By way of compensation the interviews with former team mates tell us a good deal about the inside world of New Zealand cricket in the 1940s, 50s and 60s – much of it fairly shonky. So the real reason wicketkeeper-batsman George Mills wasn’t picked for the 1949 tour was his “lack of social graces”, not, as officially claimed, his “varicose veins”. Similarly, the medical and hygiene horrors of the 1955-6 tour of Pakistan and India are pungently, biliously, evoked. Several of the best stories come from Noel McGregor, as effervescent with the anecdote as he was with the bat. In one, he recalls the management-style of Henry Cooper, headmaster of Auckland Grammar, who was manager on that difficult 1955-6 sub-continent tour: “He’d be calling us ‘boys’ and telling us when to go to bed, when to get up and what we should be doing … . Many of us were married and had our own children … .” We sometimes complain about the oddities of current selection policy but, compared to some of the shockers of the 1950s, Boock shows us that we don’t know how lucky we are.

While these oral sources are an undoubted strength of the biography, there are (despite Nye’s industry) some notable omissions. One is the lack of any reference to Indian and Pakistani newspaper accounts of Sutcliffe’s two tours to the sub-continent. Another is the absence of anything by John Arlott. The great English commentator and cricket writer admired Sutcliffe immensely and wrote memorably about him on several occasions – for instance, in his Cricket Journal of the 1958 tour of England and later in 100 Greatest Batsmen.

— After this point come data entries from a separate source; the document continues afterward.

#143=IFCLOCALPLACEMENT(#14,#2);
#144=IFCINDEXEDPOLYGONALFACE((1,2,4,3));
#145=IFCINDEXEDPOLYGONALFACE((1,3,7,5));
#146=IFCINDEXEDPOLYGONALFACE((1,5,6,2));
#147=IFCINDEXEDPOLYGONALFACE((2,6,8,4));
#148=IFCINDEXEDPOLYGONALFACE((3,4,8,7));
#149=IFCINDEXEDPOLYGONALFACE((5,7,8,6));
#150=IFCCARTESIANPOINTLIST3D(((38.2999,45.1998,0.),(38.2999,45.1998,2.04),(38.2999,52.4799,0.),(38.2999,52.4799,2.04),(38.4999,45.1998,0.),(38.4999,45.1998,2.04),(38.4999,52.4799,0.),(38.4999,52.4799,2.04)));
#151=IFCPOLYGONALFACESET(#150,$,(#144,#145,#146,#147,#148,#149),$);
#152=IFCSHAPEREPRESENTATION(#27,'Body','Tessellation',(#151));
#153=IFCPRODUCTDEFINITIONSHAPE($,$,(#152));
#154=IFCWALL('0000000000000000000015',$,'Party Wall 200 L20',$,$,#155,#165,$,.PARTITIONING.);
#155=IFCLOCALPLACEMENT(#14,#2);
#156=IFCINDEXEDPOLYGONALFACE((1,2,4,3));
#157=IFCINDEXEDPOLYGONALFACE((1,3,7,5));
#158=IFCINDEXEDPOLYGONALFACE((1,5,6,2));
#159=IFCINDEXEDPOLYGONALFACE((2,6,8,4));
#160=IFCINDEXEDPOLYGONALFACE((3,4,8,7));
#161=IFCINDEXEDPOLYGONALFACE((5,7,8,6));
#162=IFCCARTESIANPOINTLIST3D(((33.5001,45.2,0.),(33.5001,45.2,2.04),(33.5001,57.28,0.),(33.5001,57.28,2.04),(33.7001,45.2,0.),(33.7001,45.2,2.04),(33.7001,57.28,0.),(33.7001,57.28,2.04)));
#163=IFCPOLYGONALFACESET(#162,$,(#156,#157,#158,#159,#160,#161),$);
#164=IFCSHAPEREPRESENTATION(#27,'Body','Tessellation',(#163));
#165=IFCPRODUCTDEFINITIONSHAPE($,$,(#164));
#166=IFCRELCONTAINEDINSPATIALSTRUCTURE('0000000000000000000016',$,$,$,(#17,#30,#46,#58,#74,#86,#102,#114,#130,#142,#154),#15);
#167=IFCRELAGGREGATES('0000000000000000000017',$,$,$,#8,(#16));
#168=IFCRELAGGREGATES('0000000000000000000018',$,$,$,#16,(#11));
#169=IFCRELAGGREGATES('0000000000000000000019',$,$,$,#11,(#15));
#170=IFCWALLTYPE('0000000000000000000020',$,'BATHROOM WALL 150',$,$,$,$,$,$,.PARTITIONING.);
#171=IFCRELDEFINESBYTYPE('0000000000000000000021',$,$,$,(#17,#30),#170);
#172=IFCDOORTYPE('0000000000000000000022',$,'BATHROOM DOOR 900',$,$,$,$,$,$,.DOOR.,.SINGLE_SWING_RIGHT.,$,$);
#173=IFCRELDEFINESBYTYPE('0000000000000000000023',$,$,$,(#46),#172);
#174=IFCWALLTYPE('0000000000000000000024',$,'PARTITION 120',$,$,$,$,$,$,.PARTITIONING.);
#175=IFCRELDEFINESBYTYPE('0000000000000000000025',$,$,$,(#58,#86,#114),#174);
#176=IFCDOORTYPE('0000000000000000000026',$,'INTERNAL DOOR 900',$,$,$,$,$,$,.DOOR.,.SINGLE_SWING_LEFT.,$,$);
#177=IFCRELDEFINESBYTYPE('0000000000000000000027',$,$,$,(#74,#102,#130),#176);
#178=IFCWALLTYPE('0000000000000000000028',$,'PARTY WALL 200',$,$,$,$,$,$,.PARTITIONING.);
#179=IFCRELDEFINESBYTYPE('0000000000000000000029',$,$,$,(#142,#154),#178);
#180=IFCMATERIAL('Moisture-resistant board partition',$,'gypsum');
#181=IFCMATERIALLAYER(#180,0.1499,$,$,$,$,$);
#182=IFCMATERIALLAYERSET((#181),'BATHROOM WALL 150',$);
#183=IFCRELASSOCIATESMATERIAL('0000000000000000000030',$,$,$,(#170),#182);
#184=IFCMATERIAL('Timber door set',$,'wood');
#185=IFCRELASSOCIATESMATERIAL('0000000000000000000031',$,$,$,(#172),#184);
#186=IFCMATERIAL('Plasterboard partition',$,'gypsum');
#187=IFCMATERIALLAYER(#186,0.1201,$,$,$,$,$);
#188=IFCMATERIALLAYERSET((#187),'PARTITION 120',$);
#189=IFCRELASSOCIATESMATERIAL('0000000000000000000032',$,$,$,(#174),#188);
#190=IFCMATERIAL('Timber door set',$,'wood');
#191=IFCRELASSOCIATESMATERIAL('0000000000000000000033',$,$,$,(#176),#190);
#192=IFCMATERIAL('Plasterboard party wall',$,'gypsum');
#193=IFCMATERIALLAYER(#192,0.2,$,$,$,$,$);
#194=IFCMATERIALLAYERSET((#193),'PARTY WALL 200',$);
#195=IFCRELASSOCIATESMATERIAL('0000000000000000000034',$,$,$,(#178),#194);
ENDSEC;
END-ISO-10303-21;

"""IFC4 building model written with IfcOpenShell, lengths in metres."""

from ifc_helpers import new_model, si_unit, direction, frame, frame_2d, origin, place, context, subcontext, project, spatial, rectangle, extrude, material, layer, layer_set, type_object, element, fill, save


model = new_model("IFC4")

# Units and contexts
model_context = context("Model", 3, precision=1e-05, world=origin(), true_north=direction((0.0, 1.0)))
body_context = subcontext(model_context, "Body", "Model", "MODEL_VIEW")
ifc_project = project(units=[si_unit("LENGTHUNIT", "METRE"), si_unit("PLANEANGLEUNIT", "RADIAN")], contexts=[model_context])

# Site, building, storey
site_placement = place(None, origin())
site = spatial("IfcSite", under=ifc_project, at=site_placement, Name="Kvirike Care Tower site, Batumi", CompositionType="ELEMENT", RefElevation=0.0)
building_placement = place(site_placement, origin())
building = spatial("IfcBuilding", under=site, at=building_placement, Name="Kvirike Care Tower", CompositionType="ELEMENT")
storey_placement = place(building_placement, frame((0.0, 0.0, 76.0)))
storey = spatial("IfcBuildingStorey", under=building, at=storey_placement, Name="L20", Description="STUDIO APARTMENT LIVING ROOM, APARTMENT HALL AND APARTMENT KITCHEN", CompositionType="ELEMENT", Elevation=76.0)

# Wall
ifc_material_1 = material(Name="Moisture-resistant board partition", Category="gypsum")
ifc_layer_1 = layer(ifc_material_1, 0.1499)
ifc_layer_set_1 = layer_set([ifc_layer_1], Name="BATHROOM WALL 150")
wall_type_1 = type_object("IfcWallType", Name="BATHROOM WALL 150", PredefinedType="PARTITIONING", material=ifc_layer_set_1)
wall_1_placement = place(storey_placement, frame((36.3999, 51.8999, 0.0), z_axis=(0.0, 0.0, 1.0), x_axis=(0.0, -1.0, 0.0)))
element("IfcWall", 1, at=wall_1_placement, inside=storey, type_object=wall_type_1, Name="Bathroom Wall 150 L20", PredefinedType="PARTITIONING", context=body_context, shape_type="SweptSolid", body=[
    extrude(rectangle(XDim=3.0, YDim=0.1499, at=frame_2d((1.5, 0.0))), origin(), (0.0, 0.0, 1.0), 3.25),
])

Boock has a stylistic mannerism of using “would” instead of the straightforward past tense: “he would tell the Otago Daily Times”, for instance, instead of “he told the Otago Daily Times”. Once noticed, this becomes irritating. Also annoying is his habit of summarising an innings or match before providing the details. This tends to dilute the dramatic impact of the subsequent description. On a different level, I should very much have liked to read a considered discussion of the two occasions when Sutcliffe was badly hit on the head: firstly, by Adcock in that Boxing Day Test in 1953, and secondly, by Trueman at Edgbaston in 1965, the blow which finally put a stop to his illustrious Test career. Sutcliffe himself characteristically downplayed the significance of the two events (saying, for instance, that Trueman was “about as past it as I was”) but I’d like to know whether Boock, a shrewd reader of the game, really agrees.

Those reservations aside, The Last Everyday Hero offers many pleasures. Any reader interested in New Zealand cricket will relish Boock’s account of our greatest batsman and be grateful for the way in which he recreates innings after innings of Sutcliffe’s magical stroke-play.

 

Harry Ricketts is co-editor of New Zealand Books and author of How to Catch a Cricket Match.